Alat Bioinformatika Terbaik untuk Linux
Artikel ini ditulis dengan berfokus pada alat bioinformatika yang tersedia di platform Linux. Semua alat yang efisien telah dibahas dan ditinjau secara rinci. Selain itu, Anda akan menemukan fitur penting, properti, dan tautan unduhan dari artikel ini. Oleh karena itu, mari kita lalui.
1. meja kerja ge
geWorkbench dapat diuraikan dengan genome workbench adalah alat bioinformatika berbasis java yang berfungsi untuk genomik terintegrasi. Arsitektur komponennya memfasilitasi plug-in yang dikembangkan secara khusus yang akan dikonfigurasikan ke dalam aplikasi bioinformatika yang rumit. Saat ini, lebih dari tujuh puluh plug-in tersedia untuk mendukung, memvisualisasikan, dan menganalisis data urutan.
Fitur geWorkbench
- Ini disertakan dengan banyak alat analisis komputasi, yaitu, uji-t, peta yang mengatur sendiri, dan pengelompokan hierarkis, dan seterusnya.

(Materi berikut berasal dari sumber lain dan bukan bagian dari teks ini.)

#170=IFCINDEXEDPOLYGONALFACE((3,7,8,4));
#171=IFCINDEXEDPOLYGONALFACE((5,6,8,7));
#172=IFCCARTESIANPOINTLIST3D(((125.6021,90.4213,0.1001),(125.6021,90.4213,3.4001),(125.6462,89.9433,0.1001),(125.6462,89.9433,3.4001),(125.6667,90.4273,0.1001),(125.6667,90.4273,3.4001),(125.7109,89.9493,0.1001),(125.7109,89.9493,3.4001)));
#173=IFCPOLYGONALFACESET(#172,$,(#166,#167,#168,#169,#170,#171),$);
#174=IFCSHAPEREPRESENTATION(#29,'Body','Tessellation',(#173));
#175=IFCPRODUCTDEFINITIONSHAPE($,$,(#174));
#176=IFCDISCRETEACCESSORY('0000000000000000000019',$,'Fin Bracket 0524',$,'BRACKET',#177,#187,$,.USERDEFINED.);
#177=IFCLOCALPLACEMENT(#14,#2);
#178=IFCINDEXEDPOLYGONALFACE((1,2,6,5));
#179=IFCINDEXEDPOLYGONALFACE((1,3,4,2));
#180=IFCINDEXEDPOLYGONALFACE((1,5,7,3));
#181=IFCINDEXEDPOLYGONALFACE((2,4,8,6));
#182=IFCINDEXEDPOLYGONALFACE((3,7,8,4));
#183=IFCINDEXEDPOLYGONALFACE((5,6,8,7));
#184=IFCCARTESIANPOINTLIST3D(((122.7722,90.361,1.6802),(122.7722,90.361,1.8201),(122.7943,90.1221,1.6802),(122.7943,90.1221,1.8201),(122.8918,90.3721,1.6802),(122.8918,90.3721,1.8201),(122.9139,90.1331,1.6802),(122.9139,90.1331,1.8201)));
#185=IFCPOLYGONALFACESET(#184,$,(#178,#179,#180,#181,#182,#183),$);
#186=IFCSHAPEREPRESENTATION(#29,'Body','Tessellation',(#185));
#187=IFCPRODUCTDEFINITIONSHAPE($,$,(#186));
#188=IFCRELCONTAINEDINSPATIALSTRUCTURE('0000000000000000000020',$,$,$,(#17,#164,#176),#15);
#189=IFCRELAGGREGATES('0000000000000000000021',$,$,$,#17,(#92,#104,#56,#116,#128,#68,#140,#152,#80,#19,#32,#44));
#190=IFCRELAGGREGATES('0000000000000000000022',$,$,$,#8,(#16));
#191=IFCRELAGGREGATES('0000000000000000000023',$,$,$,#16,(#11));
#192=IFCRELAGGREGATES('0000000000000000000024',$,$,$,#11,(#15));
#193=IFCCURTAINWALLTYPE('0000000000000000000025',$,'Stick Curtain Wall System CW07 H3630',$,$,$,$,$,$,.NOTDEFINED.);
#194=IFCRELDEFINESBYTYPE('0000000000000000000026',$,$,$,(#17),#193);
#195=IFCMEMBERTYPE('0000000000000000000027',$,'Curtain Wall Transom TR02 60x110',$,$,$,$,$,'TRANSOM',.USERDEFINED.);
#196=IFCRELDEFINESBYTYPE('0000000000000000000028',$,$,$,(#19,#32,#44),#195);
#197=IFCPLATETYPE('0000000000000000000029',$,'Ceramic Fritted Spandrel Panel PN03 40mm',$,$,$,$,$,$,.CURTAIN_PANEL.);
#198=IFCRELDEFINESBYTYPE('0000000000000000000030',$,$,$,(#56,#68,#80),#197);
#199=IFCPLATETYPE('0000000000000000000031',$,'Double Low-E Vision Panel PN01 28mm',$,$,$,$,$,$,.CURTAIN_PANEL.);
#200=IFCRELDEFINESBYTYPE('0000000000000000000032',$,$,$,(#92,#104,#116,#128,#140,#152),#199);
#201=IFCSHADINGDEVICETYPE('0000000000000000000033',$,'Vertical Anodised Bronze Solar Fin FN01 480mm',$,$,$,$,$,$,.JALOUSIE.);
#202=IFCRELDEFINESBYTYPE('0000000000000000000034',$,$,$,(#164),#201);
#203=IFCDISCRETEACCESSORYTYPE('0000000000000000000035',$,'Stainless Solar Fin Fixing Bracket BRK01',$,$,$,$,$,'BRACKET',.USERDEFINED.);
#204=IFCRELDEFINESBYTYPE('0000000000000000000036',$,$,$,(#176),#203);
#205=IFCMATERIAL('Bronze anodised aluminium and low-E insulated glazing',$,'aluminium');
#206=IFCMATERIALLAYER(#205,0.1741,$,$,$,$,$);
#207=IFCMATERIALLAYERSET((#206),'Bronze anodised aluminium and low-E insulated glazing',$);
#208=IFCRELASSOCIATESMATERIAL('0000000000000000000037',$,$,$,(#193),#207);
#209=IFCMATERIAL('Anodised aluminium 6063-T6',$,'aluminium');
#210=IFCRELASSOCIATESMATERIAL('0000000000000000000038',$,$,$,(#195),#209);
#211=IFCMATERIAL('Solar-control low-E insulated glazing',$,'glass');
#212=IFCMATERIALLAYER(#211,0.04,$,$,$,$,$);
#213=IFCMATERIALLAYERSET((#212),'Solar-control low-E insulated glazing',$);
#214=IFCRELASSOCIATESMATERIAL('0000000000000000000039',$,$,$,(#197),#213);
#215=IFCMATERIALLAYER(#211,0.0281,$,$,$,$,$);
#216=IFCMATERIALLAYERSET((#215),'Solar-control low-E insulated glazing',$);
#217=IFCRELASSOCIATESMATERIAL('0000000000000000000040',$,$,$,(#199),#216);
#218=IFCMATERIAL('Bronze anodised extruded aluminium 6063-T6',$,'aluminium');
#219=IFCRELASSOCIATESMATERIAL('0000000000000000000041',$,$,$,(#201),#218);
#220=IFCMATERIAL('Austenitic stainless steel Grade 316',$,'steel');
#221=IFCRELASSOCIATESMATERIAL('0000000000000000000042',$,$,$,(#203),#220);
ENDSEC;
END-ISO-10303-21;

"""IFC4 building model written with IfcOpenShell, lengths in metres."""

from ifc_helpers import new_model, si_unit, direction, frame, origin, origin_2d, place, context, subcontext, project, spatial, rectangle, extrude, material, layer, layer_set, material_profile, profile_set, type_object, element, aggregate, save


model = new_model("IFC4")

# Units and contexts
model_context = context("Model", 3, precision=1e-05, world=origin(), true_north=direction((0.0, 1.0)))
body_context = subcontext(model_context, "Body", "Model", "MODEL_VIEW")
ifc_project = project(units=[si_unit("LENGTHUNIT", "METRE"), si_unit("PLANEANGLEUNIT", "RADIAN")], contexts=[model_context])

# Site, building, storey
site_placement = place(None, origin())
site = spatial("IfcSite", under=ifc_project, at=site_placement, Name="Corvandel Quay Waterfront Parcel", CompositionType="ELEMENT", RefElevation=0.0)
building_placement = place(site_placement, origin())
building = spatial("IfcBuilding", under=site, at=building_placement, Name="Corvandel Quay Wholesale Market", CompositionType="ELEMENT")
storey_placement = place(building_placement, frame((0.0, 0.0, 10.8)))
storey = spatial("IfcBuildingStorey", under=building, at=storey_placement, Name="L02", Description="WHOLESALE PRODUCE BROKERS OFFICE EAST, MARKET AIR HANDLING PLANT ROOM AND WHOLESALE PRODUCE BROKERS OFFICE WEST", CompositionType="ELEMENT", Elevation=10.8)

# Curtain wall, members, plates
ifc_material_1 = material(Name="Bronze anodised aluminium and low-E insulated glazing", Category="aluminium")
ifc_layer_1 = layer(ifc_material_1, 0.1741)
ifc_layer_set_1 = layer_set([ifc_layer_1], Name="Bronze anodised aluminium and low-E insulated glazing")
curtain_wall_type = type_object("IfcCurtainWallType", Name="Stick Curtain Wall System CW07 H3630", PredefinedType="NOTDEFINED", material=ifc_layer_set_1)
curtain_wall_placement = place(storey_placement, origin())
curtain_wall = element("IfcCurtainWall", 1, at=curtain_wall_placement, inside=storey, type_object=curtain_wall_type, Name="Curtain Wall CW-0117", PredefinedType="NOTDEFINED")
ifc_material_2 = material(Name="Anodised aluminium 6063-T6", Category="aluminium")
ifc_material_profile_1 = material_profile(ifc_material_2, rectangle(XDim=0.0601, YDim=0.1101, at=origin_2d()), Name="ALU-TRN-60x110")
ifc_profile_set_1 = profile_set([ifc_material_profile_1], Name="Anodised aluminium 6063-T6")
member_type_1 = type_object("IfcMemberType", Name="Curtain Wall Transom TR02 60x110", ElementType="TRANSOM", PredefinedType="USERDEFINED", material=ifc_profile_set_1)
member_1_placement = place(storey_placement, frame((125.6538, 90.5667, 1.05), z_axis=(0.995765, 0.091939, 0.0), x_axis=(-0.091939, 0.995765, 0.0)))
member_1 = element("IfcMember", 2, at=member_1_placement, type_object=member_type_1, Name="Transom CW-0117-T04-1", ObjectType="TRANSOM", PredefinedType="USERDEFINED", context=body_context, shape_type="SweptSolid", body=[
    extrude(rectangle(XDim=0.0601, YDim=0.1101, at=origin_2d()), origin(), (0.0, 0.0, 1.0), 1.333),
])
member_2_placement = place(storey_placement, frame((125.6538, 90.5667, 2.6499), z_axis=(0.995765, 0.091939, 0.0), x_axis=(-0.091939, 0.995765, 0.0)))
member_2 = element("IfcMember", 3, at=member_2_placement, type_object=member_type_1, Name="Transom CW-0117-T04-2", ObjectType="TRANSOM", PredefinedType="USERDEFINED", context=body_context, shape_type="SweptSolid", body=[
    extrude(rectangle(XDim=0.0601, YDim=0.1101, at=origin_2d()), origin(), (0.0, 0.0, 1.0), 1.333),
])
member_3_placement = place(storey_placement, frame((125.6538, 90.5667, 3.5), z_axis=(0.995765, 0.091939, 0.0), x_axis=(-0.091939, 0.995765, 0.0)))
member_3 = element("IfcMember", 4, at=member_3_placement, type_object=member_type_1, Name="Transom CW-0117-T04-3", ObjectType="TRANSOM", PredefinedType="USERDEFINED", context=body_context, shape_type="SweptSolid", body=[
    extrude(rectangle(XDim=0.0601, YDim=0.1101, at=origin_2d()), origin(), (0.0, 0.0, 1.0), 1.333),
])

- Hal ini ditampilkan dengan jaringan interaksi molekuler, struktur protein, dan data protein.
- Menawarkan integrasi gen dan jalur anotasi serta mengumpulkan data dari sumber pilihan untuk analisis pengayaan ontologi gen.
- Dalam fitur ini, komponen diintegrasikan dengan manajemen platform input dan output.
2. BioPerl
BioPerl adalah kumpulan alat Perl yang banyak digunakan di platform Linux sebagai alat bioinformatika untuk biologi molekuler komputasi. Ini terus digunakan dalam bidang bioinformatika menjadi seperangkat gaya CPAN standar. Alat bioinformatika Linux ini didokumentasikan dengan baik dan tersedia secara bebas dalam modul Perl. Karena berorientasi objek, modul-modul ini saling bergantung untuk menyelesaikan tugas.
Fitur BioPerl
- Dari basis data lokal dan terisolasi, alat bioinformatika ini mengakses data urutan nukleotida dan peptida.
- Itu memanipulasi urutan yang berbeda bersama dengan mengubah bentuk database dan catatan file juga.
- Ini berfungsi sebagai mesin telusur bioinformatika yang mencari sekuens, gen, dan struktur serupa lainnya pada DNA genom.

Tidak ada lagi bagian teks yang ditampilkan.